3. Н. не то что постарела за эти зимние месяцы, а вся как-то посерела, словно вылезшая из своей норы мышка, и стали уж очень заметны её женские, старательно скрываемые годы.

   – Да, живём распрекрасно, – в тон ему сказала и она, принимаясь в первую очередь за сало, которое слоила на белый, такой вкусный сухарик. – Вот трапезничаем в этом чулане, сидя прямо на кровати... и даже не познакомились. Нет, господа, ведь не слесарь же с вами, Борис Викторович?..

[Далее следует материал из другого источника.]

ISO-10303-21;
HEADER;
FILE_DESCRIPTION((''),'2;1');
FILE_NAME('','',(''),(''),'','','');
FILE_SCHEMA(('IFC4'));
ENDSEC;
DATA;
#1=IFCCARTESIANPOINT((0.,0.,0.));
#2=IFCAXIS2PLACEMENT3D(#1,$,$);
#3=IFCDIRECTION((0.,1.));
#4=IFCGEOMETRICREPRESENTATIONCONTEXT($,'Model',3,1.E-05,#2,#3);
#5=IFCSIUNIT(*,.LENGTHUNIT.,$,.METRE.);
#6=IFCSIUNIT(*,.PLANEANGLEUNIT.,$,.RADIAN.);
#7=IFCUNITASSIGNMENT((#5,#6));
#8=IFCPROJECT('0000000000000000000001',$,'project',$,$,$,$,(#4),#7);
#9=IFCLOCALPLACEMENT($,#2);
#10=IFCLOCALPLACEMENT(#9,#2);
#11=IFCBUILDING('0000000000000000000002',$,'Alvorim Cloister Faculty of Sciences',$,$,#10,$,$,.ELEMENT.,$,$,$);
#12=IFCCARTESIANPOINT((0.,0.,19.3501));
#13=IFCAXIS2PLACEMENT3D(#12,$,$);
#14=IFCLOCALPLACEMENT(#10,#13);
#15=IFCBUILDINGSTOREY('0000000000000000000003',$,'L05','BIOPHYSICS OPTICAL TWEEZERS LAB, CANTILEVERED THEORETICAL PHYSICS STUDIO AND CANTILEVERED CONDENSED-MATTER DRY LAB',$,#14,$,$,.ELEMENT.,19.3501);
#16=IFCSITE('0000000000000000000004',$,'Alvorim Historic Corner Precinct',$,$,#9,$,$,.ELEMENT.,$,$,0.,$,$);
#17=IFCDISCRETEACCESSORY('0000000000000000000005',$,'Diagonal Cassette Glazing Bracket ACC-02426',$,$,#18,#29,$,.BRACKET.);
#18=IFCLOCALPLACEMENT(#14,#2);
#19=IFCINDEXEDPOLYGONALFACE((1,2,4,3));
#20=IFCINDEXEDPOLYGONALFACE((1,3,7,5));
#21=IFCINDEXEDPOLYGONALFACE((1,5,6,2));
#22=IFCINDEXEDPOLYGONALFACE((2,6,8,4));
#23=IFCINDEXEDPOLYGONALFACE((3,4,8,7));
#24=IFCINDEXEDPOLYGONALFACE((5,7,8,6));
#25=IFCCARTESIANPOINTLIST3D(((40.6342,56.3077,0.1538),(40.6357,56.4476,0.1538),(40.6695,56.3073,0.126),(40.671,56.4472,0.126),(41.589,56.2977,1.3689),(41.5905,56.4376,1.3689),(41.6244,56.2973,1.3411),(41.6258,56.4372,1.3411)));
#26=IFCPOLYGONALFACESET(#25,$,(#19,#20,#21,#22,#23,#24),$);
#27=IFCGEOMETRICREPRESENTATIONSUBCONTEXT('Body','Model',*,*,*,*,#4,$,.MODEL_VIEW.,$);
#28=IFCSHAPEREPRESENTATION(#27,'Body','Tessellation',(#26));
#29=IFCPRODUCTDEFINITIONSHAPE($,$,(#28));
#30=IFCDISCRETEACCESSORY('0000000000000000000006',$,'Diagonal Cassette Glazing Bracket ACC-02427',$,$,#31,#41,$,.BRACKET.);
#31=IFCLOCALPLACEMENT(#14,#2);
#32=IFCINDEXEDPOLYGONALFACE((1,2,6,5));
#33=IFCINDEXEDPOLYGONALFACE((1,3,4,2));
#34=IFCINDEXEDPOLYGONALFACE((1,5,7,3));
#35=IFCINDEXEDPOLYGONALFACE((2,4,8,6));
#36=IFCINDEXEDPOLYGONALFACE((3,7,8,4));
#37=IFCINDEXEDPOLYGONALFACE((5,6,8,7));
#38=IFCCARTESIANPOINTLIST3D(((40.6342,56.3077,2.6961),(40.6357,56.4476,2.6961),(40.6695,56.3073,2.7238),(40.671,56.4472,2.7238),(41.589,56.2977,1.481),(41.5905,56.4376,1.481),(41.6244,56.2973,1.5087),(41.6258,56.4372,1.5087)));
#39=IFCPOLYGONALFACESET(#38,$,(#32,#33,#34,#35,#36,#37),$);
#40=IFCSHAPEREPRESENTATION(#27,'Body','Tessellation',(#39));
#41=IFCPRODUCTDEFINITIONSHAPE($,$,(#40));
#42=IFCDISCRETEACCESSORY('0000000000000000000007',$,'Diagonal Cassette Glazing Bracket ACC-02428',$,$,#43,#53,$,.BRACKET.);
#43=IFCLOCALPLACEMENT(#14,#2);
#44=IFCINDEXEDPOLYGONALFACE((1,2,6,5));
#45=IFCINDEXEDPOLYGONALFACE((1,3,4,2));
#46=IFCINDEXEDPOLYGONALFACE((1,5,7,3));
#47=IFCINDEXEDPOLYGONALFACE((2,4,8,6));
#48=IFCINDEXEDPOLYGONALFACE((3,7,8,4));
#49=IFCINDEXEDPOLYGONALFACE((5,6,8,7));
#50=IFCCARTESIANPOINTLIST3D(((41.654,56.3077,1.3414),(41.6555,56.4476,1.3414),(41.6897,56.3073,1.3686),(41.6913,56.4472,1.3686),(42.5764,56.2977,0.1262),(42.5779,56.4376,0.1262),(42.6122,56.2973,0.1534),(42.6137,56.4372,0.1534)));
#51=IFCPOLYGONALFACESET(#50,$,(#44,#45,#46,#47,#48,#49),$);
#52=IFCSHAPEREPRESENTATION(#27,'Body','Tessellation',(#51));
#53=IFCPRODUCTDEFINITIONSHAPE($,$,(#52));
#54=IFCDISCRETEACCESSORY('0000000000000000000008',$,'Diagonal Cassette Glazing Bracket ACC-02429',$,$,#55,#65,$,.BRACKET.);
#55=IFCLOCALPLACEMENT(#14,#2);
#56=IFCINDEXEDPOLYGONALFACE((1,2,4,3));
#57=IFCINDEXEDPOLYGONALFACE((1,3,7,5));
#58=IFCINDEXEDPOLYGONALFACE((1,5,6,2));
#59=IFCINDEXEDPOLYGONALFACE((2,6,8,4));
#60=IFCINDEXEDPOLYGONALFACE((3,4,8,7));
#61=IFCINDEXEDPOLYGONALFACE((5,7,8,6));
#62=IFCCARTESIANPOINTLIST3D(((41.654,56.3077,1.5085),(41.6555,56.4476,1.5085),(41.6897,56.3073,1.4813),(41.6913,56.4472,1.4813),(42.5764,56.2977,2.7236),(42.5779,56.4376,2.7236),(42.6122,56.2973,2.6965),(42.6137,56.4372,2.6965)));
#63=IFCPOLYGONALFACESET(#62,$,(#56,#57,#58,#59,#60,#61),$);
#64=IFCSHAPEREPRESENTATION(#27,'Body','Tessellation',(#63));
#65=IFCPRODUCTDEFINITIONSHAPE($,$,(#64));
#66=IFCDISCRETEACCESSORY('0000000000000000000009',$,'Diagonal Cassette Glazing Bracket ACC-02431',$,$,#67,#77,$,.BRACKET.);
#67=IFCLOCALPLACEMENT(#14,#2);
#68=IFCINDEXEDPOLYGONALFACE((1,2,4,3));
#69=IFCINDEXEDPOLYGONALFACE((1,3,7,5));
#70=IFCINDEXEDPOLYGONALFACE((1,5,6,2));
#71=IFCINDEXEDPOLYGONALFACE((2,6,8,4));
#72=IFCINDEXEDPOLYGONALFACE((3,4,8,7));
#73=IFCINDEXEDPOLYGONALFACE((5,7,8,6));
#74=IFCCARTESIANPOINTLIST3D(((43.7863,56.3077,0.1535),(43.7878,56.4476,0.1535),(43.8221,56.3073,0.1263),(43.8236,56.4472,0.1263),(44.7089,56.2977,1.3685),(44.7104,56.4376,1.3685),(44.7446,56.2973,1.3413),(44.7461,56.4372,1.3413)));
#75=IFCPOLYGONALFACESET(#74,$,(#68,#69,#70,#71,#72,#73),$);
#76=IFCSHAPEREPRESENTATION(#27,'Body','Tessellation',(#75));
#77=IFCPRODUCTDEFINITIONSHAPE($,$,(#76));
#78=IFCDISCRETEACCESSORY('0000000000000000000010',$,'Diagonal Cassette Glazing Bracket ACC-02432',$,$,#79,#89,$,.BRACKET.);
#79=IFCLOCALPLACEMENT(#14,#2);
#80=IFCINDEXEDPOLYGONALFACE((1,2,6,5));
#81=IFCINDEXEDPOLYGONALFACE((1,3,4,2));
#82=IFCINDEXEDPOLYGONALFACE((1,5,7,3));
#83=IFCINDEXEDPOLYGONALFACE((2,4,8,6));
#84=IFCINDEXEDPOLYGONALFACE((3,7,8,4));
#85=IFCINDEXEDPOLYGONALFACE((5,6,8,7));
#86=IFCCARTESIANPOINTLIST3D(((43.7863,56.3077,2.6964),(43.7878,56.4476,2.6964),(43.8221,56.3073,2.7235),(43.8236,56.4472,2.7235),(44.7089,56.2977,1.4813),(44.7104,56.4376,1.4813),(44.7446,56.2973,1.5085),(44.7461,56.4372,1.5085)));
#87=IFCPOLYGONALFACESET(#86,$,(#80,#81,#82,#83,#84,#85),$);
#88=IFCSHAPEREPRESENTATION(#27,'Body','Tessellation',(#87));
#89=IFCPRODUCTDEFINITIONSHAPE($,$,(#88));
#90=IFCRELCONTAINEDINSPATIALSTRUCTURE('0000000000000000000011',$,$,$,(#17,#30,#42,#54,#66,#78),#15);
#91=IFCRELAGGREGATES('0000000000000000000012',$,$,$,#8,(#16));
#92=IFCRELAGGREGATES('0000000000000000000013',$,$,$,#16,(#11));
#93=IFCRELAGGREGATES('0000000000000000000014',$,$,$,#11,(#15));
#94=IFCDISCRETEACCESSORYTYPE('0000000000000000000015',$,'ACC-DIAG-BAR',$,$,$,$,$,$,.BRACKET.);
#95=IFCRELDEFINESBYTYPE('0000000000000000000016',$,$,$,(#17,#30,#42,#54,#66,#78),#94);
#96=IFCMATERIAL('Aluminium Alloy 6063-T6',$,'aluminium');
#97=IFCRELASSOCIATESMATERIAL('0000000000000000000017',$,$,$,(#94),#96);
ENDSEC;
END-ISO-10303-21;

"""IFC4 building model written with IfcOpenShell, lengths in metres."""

from ifc_helpers import new_model, si_unit, direction, frame, origin, origin_2d, place, context, subcontext, project, spatial, rectangle, extrude, material, type_object, element, save


model = new_model("IFC4")

# Units and contexts
model_context = context("Model", 3, precision=1e-05, world=origin(), true_north=direction((0.0, 1.0)))
body_context = subcontext(model_context, "Body", "Model", "MODEL_VIEW")
ifc_project = project(units=[si_unit("LENGTHUNIT", "METRE"), si_unit("PLANEANGLEUNIT", "RADIAN")], contexts=[model_context])

# Site, building, storey
site_placement = place(None, origin())
site = spatial("IfcSite", under=ifc_project, at=site_placement, Name="Alvorim Historic Corner Precinct", CompositionType="ELEMENT", RefElevation=0.0)
building_placement = place(site_placement, origin())
building = spatial("IfcBuilding", under=site, at=building_placement, Name="Alvorim Cloister Faculty of Sciences", CompositionType="ELEMENT")
storey_placement = place(building_placement, frame((0.0, 0.0, 19.3501)))
storey = spatial("IfcBuildingStorey", under=building, at=storey_placement, Name="L05", Description="BIOPHYSICS OPTICAL TWEEZERS LAB, CANTILEVERED THEORETICAL PHYSICS STUDIO AND CANTILEVERED CONDENSED-MATTER DRY LAB", CompositionType="ELEMENT", Elevation=19.3501)

# Shared definitions
ifc_material_1 = material(Name="Aluminium Alloy 6063-T6", Category="aluminium")

# Discrete accessories
discrete_accessory_type = type_object("IfcDiscreteAccessoryType", Name="ACC-DIAG-BAR", PredefinedType="BRACKET", material=ifc_material_1)
for number, where, z_axis, x_axis, name in (
    (1, (40.6526, 56.3774, 0.1399), (0.617857, -0.006477, 0.786263), (0.010483, 0.999945, 0.0), "Diagonal Cassette Glazing Bracket ACC-02426"),
    (2, (40.6526, 56.3774, 2.71), (0.617857, -0.006477, -0.786263), (0.010483, 0.999945, 0.0), "Diagonal Cassette Glazing Bracket ACC-02427"),
):
    element("IfcDiscreteAccessory", number, at=place(storey_placement, frame(where, z_axis=z_axis, x_axis=x_axis)), inside=storey, type_object=discrete_accessory_type, Name=name, PredefinedType="BRACKET", context=body_context, shape_type="SweptSolid", body=[
        extrude(rectangle(XDim=0.1399, YDim=0.0449, at=origin_2d()), origin(), (0.0, 0.0, 1.0), 1.5454),
    ])
for number, where, z_axis, x_axis, name in (
    (3, (41.6726, 56.3774, 1.355), (0.604612, -0.006561, -0.796493), (0.010852, 0.999941, 0.0), "Diagonal Cassette Glazing Bracket ACC-02428"),
    (4, (41.6726, 56.3774, 1.4949), (0.604612, -0.006561, 0.796493), (0.010852, 0.999941, 0.0), "Diagonal Cassette Glazing Bracket ACC-02429"),
    (5, (43.8049, 56.3774, 0.1399), (0.604713, -0.006561, 0.796416), (0.010849, 0.999941, 0.0), "Diagonal Cassette Glazing Bracket ACC-02431"),
    (6, (43.8049, 56.3774, 2.71), (0.604713, -0.006561, -0.796416), (0.010849, 0.999941, 0.0), "Diagonal Cassette Glazing Bracket ACC-02432"),
):
    element("IfcDiscreteAccessory", number, at=place(storey_placement, frame(where, z_axis=z_axis, x_axis=x_axis)), inside=storey, type_object=discrete_accessory_type, Name=name, PredefinedType="BRACKET", context=body_context, shape_type="SweptSolid", body=[
        extrude(rectangle(XDim=0.1399, YDim=0.0449, at=origin_2d()), origin(), (0.0, 0.0, 1.0), 1.5256),
    ])

save(model, "model.ifc")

Тут нельзя было удержаться от улыбки.

   – Интуиция? Поэтическое прозрение? Чтоб не перепутать чего в дороге, я его слесарем называю, но вообще-то... юнкер Павловского Его Императорского Величества училища... Флегонт Клепиков!

Всё-таки не забыл прошлое юнкер: вставая с железно скрипнувшей кровати, лихо прищёлкнул растоптанными каблуками и галантно поцеловал ручку, которая никак не хотела выпускать покрытый салом сухарик.

   – Честь имею, Зинаида Николаевна!

   – О, у вас ещё остались настоящие люди! А у нас здесь – уже никого... Хлопочем о пропуске хотя бы до Риги... или до Гельсингфорса, а уж там... Не вырваться без пропуска. По тайным лесным тропам мне не пройти, хотя и такой вариант обсуждается... Нет! – вдруг гневно вскочила она. – Пройду. Жива не буду, а пройду. Хотя лучше – законно, по нынешним собачьим законам... Вот ради всего этого и крутится несчастный Дмитрий Сергеевич возле большевиков... Или?!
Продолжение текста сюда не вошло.